2/ By the index of their ids through their ``refs`` attribute :

```python

>> exp.data.images[exp.data.images.refs[0]].shape

Out: (32, 32)

```

Which works because `exp.data.images` is a `Dataset` and only `Datasets` have `refs`

3/ with any ``item`` supported by the ``h5py.Dataset``

```python

>> exp.data.labels[:32]

Out: np.array([0, 0, ....])

```

Which only works for `Dataset`s - not for `Group`s.

> Note that, in this last case, you are indexing into the **concatenation of all sub-arrays along their first axis**.

> The same interface is also implemented for ``set(source, data)`` and ``__setitem__``

### Feature

``h5m`` exposes a class that helps you configure the behaviour of your ``TypedFile`` classes and the properties of the .h5 they create.

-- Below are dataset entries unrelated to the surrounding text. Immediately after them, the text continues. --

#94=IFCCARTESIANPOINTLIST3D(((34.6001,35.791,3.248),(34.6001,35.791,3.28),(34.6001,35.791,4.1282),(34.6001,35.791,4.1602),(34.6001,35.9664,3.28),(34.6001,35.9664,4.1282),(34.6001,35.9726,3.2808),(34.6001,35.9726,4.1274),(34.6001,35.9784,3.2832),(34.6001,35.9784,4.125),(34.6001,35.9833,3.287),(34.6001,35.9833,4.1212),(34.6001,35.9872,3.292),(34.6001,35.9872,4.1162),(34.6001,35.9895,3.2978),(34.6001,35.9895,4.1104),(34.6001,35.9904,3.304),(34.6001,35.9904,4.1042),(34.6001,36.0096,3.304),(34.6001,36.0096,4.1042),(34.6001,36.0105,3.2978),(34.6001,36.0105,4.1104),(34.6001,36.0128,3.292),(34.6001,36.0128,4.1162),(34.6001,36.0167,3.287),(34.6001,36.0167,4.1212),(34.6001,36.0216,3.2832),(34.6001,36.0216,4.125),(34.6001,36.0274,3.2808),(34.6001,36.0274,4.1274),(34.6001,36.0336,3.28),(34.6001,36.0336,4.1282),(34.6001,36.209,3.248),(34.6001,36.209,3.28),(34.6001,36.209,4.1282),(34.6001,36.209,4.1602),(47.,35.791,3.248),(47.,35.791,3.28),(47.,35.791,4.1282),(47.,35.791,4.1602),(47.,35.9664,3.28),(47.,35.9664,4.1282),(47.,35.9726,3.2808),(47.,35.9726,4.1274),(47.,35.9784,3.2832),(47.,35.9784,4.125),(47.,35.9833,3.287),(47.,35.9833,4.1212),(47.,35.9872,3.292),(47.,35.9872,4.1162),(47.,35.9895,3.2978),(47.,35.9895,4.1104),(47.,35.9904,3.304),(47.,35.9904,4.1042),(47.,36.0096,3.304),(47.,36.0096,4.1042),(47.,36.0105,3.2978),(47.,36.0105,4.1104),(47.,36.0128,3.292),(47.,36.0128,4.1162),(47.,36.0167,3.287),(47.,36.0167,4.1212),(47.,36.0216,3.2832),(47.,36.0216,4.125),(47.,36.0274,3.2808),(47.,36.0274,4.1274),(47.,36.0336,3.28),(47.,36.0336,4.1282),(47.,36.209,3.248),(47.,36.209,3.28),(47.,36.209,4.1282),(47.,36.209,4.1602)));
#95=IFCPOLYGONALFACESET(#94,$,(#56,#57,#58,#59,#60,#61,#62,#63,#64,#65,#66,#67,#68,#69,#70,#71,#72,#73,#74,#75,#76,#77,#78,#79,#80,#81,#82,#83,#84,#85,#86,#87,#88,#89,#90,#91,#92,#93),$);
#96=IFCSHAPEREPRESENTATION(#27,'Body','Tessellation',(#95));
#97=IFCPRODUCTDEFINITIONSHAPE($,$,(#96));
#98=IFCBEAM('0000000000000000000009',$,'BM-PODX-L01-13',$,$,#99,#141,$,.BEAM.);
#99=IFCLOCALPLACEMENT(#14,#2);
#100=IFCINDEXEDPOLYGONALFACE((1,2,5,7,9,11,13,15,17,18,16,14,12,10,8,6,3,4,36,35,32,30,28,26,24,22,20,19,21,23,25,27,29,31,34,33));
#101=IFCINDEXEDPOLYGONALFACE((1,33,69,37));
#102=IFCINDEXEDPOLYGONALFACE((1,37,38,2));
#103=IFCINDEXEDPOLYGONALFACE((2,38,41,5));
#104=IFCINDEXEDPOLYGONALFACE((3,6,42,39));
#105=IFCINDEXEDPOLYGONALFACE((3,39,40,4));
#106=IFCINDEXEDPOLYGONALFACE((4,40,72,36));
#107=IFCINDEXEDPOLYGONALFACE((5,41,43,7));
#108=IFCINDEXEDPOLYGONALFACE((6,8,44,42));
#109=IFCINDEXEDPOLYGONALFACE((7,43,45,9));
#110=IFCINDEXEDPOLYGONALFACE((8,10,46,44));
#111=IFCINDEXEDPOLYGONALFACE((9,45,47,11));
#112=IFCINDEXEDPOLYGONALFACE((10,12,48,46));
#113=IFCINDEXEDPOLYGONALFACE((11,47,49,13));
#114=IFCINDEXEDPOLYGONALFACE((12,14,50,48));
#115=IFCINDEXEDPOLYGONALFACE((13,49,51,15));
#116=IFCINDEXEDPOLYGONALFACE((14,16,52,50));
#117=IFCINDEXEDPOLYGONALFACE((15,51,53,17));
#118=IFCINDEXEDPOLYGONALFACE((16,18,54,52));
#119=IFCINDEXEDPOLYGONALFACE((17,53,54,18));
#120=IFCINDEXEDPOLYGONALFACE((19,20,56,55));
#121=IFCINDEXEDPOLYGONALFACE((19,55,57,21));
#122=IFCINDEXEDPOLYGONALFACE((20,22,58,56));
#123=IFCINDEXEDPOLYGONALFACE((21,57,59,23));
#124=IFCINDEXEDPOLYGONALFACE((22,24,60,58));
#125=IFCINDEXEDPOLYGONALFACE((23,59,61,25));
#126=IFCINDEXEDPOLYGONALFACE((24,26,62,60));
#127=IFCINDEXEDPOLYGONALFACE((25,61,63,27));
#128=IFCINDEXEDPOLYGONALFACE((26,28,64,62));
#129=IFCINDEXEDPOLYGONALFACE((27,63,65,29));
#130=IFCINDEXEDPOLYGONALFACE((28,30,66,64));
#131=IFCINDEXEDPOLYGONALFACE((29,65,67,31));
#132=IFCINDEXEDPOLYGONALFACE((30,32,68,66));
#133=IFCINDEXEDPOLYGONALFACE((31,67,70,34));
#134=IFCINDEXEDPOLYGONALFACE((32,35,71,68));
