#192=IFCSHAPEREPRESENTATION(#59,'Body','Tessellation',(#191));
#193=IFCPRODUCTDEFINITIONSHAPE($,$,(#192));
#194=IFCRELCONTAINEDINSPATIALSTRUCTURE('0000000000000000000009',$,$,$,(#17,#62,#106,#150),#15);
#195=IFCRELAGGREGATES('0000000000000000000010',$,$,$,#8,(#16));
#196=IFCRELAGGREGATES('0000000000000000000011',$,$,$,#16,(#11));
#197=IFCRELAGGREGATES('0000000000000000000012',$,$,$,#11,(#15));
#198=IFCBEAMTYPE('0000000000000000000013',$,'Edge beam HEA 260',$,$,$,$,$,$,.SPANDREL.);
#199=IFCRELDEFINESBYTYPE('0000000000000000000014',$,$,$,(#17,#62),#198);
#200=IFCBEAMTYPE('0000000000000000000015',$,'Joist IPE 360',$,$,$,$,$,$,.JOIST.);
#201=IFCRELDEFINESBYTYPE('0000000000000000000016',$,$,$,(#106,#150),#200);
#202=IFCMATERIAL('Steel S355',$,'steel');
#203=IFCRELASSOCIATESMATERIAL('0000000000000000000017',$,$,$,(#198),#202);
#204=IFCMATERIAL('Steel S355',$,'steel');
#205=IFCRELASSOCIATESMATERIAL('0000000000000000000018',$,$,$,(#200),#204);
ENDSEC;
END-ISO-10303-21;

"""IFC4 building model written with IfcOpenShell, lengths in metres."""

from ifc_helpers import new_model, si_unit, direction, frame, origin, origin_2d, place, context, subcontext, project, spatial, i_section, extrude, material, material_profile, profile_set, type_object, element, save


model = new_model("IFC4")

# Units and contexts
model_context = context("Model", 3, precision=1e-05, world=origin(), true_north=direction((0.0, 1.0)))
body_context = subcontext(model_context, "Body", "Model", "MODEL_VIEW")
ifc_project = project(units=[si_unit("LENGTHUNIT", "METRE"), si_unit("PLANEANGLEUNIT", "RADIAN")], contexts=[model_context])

the ``Feature`` class helps you define :

- how sources' ids are loaded into arrays (``feature.load(source)``)

- which types of files are supported

- how the data is stored by ``h5py`` (compression, chunks)

- which extraction parameters need to be stored with the data (e.g. sample rate of audio files)

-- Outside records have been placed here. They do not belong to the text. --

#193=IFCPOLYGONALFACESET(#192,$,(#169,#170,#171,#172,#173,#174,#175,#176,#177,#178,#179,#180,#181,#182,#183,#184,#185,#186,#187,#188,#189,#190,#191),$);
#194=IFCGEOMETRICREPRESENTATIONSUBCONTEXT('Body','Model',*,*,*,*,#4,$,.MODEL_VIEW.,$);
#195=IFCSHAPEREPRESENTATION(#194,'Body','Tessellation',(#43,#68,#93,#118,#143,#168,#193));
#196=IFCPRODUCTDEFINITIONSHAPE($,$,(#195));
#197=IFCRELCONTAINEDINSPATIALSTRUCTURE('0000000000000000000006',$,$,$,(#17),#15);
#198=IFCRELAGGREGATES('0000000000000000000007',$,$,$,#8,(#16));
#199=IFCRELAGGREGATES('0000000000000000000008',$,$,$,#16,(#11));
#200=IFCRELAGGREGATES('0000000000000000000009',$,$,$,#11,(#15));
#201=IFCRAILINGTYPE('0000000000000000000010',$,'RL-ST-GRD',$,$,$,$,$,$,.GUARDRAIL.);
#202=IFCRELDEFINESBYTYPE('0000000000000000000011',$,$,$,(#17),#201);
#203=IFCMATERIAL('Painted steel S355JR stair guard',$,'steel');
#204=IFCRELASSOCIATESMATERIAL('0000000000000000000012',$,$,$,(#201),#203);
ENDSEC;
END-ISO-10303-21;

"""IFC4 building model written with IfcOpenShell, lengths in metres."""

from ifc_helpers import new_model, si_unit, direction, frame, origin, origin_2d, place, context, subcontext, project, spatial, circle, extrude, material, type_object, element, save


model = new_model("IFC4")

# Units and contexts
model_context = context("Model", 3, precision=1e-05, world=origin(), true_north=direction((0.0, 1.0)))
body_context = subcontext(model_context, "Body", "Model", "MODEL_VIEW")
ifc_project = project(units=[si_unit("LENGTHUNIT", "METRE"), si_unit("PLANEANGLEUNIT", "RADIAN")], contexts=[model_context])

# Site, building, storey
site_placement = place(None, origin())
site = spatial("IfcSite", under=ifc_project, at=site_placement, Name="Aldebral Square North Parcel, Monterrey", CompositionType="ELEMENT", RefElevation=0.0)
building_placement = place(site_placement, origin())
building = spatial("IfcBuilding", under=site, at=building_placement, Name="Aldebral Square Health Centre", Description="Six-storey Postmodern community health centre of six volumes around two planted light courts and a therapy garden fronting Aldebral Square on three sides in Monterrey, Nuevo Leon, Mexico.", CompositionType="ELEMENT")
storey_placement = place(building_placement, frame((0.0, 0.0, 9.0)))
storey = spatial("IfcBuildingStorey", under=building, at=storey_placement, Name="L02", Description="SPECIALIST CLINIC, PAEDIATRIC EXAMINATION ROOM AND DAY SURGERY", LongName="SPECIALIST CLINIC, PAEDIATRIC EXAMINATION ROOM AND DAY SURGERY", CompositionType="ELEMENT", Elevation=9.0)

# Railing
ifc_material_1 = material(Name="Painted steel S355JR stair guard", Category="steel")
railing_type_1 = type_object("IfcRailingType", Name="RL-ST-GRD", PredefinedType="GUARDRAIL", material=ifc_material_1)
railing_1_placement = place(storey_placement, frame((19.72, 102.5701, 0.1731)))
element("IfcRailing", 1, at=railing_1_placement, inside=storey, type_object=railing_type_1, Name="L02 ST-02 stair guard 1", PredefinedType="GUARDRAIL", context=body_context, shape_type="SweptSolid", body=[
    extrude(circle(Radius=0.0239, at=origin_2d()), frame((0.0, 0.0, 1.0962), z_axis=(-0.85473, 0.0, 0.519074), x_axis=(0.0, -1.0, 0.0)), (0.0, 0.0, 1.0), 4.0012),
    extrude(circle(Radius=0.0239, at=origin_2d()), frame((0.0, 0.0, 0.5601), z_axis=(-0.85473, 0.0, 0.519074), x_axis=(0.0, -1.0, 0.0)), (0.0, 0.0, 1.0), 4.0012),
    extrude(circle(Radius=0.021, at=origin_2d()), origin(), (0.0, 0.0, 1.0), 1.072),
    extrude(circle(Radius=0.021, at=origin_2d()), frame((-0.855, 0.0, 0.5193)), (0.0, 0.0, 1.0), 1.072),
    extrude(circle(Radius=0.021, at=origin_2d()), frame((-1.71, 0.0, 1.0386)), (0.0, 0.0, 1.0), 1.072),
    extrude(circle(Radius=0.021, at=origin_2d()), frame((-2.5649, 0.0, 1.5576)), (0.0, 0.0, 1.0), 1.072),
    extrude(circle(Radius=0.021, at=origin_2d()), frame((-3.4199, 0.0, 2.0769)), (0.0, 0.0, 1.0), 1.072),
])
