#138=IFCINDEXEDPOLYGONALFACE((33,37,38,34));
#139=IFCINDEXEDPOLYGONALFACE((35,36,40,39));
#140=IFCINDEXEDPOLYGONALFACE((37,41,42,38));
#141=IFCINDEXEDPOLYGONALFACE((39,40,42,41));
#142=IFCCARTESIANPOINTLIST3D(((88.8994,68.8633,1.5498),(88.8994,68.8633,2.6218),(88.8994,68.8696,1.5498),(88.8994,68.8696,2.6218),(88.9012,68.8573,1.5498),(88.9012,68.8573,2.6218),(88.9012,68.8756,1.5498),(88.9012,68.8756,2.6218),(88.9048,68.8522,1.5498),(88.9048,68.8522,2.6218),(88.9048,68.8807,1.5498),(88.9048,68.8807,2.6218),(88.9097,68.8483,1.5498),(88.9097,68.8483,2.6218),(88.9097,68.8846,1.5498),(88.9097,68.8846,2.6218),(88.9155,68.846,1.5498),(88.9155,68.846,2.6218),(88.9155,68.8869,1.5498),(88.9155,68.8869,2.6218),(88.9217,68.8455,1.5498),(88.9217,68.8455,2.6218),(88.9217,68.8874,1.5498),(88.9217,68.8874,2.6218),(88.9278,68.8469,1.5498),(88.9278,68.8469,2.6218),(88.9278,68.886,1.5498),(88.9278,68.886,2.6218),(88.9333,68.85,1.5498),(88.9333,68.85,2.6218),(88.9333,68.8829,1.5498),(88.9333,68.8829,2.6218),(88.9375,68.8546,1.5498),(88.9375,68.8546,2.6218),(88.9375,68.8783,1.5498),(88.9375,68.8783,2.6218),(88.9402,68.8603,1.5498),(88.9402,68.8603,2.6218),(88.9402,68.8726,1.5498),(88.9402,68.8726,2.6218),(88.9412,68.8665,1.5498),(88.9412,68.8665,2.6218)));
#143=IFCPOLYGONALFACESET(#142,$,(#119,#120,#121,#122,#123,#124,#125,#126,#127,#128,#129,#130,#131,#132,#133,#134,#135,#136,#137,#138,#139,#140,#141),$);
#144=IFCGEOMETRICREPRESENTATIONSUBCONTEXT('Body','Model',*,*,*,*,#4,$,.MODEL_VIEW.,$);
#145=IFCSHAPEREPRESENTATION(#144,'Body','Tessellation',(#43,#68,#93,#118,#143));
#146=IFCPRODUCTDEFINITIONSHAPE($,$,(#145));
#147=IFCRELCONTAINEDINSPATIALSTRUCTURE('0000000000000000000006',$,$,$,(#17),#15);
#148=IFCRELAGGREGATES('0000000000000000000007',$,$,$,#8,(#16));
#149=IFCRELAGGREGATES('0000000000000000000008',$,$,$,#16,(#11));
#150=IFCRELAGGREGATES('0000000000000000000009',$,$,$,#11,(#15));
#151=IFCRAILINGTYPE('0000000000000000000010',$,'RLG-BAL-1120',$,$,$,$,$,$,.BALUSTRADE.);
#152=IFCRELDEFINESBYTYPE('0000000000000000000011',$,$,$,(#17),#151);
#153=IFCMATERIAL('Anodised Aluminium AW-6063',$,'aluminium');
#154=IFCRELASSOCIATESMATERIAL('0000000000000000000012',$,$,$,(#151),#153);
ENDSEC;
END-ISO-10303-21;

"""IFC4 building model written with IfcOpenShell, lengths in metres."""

- custom-methods relevant to this kind of data

Once you defined a `Feature` class, attach it to the class dict of a ``TypedFile``, that's it!

For example :

```python

import h5mapper as h5m

class MyFeature(h5m.Feature):

    # only sources matching this pattern will be passed to load(...)

    __re__ = r".special$"

    # args for the h5py.Dataset

    __ds_kwargs__ = dict(compression='lzf', chunks=(1, 350))

    

    def __init__(self, my_extraction_param=0):

        self.my_extraction_param = my_extraction_param

    @property

    def attrs(self):

        # those are then written in the h5py.Group.attrs

        return {"p": self.my_extraction_param}

    def load(self, source):

        """your method to get an np.ndarray or a dict thereof

        from a path, an url, whatever sources you have..."""   

        return data

    def plot(self, data):

        """custom plotting method for this kind of data"""

        # ...

# attach it

class Data(h5m.TypedFile):

    feat = MyFeature(47)

# load sources...

f = Data.create(....)

# read your data through __getitem__ 

batch = f.feat[4:8]

# access your method 

f.feat.plot(batch)

# modify the file through __setitem__

f.feat[4:8] = batch ** 2 

```

for more examples, checkout `h5mapper/h5mapper/features.py`.

#### ``serve``

Primarly designed with `pytorch` users in mind, `h5m` plays very nicely with the `Dataset` class :

```python

class MyDS(h5m.TypedFile, torch.utils.data.Dataset):

    

    x = MyInputFeature(42)

    

    def __getitem__(self, item):

        return self.x[item], self.labels[item]

  

    def __len__(self):

        return len(self.x)

ds = MyDS.create("train.h5", sources, keep_open=True)

dl = torch.utils.data.DataLoader(ds, batch_size=16, num_workers=8, pin_memory=True)

```

`TypedFile` even have a method that takes the Dataloader args and a batch object filled with `BatchItems` and returns 

a Dataloader that will yield such batch objects.

Example :

```python

f = TypedFile("train.h5", keep_open=True)

loader = f.serve(

    # batch object :

    dict(

        x=h5m.Input(key='data/image', getter=h5m.GetId()),

        labels=h5m.Target(key='data/labels', getter=h5m.GetId())

    ),

    # Dataloader kwargs :

    num_workers=8, pin_memory=True, batch_size=32, shuffle=True

)

```  

### Examples

in ``h5mapper/examples`` you'll find for now

- a train script with data, checkpoints and logs in `dataset_and_logs.py`

- a script for benchmarking batch-loading times of different options

### Development

`h5mapper` is just getting started and you're welcome to contribute!

You'll find some tests you can run from the root of the repo with a simple

```bash

pytest

```

If you'd like to get involved, just drop us an email : [email protected]

### License

`h5mapper` is distributed under the terms of the MIT License.